A precision engineering park is planned to come up in Dahej.
Domestic companies that
are considering to enter Gujarat, with the exception of Maruti Suzuki, include
Hero MotorCorp (formerly Hero Honda), Bajaj Auto and Hindustan Aeronautics Ltd
(HAL), a public sector company specialising in production of aircraft and
helicopters. (Recently Maruti
Gujarat’s auto hub thus
goes beyond the production of cars. The mix of domestic and foreign auto
companies also provides opportunities for skills transfer and learning.
Total installed
capacity of Tamil Nadu, mainly around Chennai, is 1.28 million units, and is
among the top 10 centres globally for car manufacturing, while that of
Maharashtra, mainly around Pune, is 0.61 million units. With the entry of Ford
and Peugeot, Gujarat’s production capacity, mainly around Sanand, is projected
at 0.76 million by 2014. This will rise significantly if Maruti’s production,
largely for export, comes on stream.
Gujarat’s currently
established but relatively mid-sized auto ancillary units are getting a boost
from these automakers, referred to as OE (original equipment) procedures,
asking their tier I, II and III vendors to locate manufacturing and assembly
facilities in and around their main production sites. Tata, for example, is
encouraging and facilitating key vendors to locate to Sanand and set up a
facility within a reasonable time horizon.
Gujarat’s emergence as
an auto hub is not an accident, but an outcome of leveraging its strengths
through sound economic policies and competent management by the state
government.
Gujarat has leveraged
its locational advantages, with relatively low transaction costs for accessing
markets in the western and northern India. Good rail connectivity is slated to
improve significantly with the opening of the dedicated freight corridors to
Dahej and Nhava Sheva passing through large parts of Gujarat. Sanand is also a
part of the Delhi-Mumbai Industrial Corridor (DMIC), a multi-billion dollar
India-Japan initiative. The Delhi-Mumbai freight corridor project will provide
excellent rail connectivity for the auto sector in Sanand and for other
industries.
Gujarat’s port
development initiatives are closely coordinated with rail transport. These
provide access for exports to the West, a favoured market for Indian OE. Since
2009, Maruti has been shipping cars by rail from Manesar to the Mundra Port,
where there is a roll-on-roll-off (RORO), terminal for receiving and prepping
new cars for exports. Korean automakers are also exploring this option.
Gujarat’s port
development also could permit economical transportation to other off, thus
diversifying transport modes.
Developing domestic and
international financial services, improving road and air connectivity and
focusing on affordable housing and other amenities could further add to
Gujarat’s locational advantage.
One of the advantages
of Gujarat is the larger share of non-fertile agricultural land.
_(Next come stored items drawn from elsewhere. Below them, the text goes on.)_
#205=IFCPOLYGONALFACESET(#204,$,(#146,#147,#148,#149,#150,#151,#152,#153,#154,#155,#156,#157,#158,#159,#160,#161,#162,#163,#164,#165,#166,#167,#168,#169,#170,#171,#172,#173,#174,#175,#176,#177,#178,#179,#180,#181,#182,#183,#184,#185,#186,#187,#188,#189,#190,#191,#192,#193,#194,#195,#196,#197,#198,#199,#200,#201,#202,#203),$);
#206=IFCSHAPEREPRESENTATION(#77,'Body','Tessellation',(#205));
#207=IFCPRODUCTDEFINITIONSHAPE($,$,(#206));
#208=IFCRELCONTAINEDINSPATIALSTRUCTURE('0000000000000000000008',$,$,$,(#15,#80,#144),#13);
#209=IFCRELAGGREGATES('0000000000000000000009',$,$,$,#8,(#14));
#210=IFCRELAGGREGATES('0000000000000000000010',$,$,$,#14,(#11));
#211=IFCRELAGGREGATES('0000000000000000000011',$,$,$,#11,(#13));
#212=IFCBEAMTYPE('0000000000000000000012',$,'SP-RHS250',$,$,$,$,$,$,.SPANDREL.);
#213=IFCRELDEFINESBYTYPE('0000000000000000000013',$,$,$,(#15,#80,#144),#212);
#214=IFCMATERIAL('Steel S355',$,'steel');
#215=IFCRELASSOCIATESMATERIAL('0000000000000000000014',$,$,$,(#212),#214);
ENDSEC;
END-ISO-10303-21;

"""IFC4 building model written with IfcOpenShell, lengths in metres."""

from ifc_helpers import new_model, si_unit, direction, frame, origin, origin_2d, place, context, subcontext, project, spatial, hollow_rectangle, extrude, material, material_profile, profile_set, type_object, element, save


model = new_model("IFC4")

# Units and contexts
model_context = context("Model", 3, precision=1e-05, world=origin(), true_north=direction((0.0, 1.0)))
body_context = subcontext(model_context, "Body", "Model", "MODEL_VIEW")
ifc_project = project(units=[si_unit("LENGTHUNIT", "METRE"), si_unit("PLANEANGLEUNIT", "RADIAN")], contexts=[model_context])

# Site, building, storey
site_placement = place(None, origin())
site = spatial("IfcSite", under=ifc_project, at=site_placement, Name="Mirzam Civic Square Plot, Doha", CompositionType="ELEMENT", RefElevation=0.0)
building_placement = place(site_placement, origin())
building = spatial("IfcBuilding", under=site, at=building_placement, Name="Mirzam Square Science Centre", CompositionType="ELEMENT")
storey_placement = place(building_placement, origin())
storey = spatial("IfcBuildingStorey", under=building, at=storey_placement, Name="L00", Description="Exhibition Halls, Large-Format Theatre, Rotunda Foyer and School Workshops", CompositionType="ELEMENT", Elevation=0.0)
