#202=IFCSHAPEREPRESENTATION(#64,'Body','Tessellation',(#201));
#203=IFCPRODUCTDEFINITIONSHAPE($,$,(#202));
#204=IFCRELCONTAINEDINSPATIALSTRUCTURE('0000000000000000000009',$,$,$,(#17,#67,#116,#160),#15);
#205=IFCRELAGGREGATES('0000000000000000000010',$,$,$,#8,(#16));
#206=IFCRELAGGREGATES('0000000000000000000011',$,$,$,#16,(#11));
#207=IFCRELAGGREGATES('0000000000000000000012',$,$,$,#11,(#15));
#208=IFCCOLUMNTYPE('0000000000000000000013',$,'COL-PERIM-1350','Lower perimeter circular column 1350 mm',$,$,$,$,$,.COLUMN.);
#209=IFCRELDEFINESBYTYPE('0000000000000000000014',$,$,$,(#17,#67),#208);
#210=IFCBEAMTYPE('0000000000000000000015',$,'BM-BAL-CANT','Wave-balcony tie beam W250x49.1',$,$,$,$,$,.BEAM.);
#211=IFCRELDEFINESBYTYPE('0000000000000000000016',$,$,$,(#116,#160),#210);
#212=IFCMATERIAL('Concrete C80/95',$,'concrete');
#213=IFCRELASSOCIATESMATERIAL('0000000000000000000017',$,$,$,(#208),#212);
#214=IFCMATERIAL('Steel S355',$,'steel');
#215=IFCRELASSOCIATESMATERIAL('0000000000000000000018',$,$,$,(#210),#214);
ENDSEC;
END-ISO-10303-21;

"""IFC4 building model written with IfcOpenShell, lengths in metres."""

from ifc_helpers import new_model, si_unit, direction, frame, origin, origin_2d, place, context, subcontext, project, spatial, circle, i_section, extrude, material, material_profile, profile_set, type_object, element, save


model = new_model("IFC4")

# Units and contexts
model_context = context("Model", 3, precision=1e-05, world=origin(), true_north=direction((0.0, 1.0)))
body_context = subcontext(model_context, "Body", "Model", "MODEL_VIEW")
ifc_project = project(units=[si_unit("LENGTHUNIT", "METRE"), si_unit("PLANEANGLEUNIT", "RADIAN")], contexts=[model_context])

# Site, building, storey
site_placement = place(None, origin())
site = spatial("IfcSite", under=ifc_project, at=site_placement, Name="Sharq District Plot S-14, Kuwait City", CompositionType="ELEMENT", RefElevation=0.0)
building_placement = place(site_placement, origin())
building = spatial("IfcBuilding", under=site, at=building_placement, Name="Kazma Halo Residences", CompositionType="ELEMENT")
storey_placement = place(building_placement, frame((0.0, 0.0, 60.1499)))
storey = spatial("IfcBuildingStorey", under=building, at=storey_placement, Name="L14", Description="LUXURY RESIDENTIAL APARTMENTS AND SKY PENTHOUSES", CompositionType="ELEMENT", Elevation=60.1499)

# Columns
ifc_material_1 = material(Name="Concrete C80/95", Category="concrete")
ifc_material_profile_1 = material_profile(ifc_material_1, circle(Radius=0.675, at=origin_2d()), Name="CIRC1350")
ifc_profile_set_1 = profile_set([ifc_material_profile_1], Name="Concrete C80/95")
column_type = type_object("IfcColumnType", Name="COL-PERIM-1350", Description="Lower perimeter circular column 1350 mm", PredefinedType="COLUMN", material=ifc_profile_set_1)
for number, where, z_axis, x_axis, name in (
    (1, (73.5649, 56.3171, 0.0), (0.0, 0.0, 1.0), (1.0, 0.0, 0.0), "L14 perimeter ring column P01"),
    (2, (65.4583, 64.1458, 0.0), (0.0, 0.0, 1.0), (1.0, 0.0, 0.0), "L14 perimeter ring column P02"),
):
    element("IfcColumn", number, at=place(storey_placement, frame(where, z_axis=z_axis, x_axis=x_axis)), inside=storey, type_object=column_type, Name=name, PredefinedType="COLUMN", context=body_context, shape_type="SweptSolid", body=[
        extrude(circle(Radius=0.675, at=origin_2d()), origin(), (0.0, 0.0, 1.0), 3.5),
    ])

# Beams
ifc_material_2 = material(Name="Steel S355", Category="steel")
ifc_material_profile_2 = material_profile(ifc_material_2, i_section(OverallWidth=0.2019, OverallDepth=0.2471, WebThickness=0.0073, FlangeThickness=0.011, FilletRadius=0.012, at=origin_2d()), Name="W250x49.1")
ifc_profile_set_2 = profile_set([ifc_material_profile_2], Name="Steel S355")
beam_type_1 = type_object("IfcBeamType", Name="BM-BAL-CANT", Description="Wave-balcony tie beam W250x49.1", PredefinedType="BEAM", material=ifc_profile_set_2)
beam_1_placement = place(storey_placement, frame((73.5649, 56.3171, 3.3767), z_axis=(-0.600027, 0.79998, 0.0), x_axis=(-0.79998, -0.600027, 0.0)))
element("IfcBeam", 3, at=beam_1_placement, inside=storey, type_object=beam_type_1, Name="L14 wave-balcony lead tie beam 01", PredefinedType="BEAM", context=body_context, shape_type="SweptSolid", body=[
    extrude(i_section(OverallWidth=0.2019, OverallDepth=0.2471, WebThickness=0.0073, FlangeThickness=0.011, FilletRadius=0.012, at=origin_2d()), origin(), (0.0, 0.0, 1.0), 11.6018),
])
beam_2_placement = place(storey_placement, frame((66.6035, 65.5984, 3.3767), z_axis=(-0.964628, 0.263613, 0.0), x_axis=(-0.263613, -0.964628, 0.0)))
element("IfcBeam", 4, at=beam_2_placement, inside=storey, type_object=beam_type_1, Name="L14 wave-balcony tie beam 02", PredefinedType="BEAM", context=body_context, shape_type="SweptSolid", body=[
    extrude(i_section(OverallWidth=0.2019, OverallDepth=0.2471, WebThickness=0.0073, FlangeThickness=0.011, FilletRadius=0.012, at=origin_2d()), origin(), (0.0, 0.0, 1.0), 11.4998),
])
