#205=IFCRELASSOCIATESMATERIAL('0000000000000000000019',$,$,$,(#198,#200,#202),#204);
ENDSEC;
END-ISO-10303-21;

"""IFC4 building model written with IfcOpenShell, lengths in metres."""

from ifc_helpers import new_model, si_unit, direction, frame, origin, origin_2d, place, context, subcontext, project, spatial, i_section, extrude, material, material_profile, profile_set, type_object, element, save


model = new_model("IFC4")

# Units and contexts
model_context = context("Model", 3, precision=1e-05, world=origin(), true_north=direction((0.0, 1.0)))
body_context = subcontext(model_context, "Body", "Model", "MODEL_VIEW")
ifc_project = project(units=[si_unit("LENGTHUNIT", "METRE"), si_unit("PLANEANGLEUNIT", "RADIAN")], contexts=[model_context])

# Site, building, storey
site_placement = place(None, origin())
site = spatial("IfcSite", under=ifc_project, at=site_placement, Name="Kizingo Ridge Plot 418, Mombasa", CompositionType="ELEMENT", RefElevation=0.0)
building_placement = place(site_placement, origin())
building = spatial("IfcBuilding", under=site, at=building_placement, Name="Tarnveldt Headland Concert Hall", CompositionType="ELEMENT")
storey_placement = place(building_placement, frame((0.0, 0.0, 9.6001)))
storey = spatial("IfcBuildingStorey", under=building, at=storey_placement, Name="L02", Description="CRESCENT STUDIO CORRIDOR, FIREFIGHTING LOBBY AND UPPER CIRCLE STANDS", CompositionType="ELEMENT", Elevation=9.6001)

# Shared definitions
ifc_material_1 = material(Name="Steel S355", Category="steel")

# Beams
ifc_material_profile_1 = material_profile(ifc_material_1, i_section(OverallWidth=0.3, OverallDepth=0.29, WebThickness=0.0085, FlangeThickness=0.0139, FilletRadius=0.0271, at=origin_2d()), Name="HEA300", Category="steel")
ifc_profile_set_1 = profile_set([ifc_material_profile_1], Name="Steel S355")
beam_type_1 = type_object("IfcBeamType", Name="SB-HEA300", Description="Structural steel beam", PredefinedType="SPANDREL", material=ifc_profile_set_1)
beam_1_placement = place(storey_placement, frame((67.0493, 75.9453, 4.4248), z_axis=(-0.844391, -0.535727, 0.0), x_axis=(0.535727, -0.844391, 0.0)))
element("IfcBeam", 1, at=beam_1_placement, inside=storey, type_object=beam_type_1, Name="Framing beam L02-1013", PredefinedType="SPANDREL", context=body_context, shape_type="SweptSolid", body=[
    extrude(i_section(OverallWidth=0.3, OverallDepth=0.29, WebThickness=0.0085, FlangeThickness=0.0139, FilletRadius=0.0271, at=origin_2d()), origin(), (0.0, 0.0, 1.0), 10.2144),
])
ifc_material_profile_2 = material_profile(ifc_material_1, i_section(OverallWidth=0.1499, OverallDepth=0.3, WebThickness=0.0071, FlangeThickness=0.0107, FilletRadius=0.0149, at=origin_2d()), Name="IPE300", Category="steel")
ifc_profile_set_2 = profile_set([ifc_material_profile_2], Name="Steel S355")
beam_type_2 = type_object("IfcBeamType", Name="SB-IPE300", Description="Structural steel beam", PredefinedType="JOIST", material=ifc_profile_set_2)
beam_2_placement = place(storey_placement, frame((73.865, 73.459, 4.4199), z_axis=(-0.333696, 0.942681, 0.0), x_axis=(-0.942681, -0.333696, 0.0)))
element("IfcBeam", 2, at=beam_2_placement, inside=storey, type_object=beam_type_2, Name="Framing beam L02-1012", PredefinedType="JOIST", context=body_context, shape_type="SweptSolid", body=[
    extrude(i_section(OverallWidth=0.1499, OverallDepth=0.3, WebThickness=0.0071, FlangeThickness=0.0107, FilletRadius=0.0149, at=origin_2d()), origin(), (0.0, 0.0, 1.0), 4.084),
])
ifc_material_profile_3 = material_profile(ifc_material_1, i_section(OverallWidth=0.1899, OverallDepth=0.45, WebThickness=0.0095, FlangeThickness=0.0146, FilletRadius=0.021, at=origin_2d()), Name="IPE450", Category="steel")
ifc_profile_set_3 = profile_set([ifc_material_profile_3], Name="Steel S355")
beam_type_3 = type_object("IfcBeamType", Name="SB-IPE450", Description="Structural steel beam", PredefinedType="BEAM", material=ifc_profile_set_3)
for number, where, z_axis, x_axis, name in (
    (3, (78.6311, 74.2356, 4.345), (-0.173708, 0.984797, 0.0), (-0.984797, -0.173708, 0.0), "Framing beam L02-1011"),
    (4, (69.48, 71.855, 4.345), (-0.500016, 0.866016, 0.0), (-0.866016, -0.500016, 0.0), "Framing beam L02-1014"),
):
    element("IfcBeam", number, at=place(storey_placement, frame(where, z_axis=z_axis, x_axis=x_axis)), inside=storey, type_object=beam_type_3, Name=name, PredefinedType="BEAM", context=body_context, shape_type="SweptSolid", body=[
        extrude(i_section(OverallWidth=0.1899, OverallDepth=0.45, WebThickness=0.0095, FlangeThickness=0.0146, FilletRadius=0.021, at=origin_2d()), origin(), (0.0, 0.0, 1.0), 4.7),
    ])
This
potentially makes managing the requirements of industry for land easier.
Gujarat Industrial Development Corporation (GIDC) deserves credit for turning
the above potential into actual accomplishments.
As many of the
established tier I, II and III manufacturers in Tamil Nadu and Delhi are faced
with space and environmental constraints in expanding their operations in their
historic sites, they are exploring alternate avenues. Gujarat’s land bank could
thus be an attractive factor.
Sanand is a part of
special investment region, which permits firms investing there to avail various
fiscal and non-fiscal benefits, reducing project costs, including time for
completing the project cycle.
The Gujarat government
recognises the importance of overall conducive investment environment in
attracting investments rather than merely relying on tax incentives. This
policy lesson is applicable to the investment and manufacturing zones (NIMZs)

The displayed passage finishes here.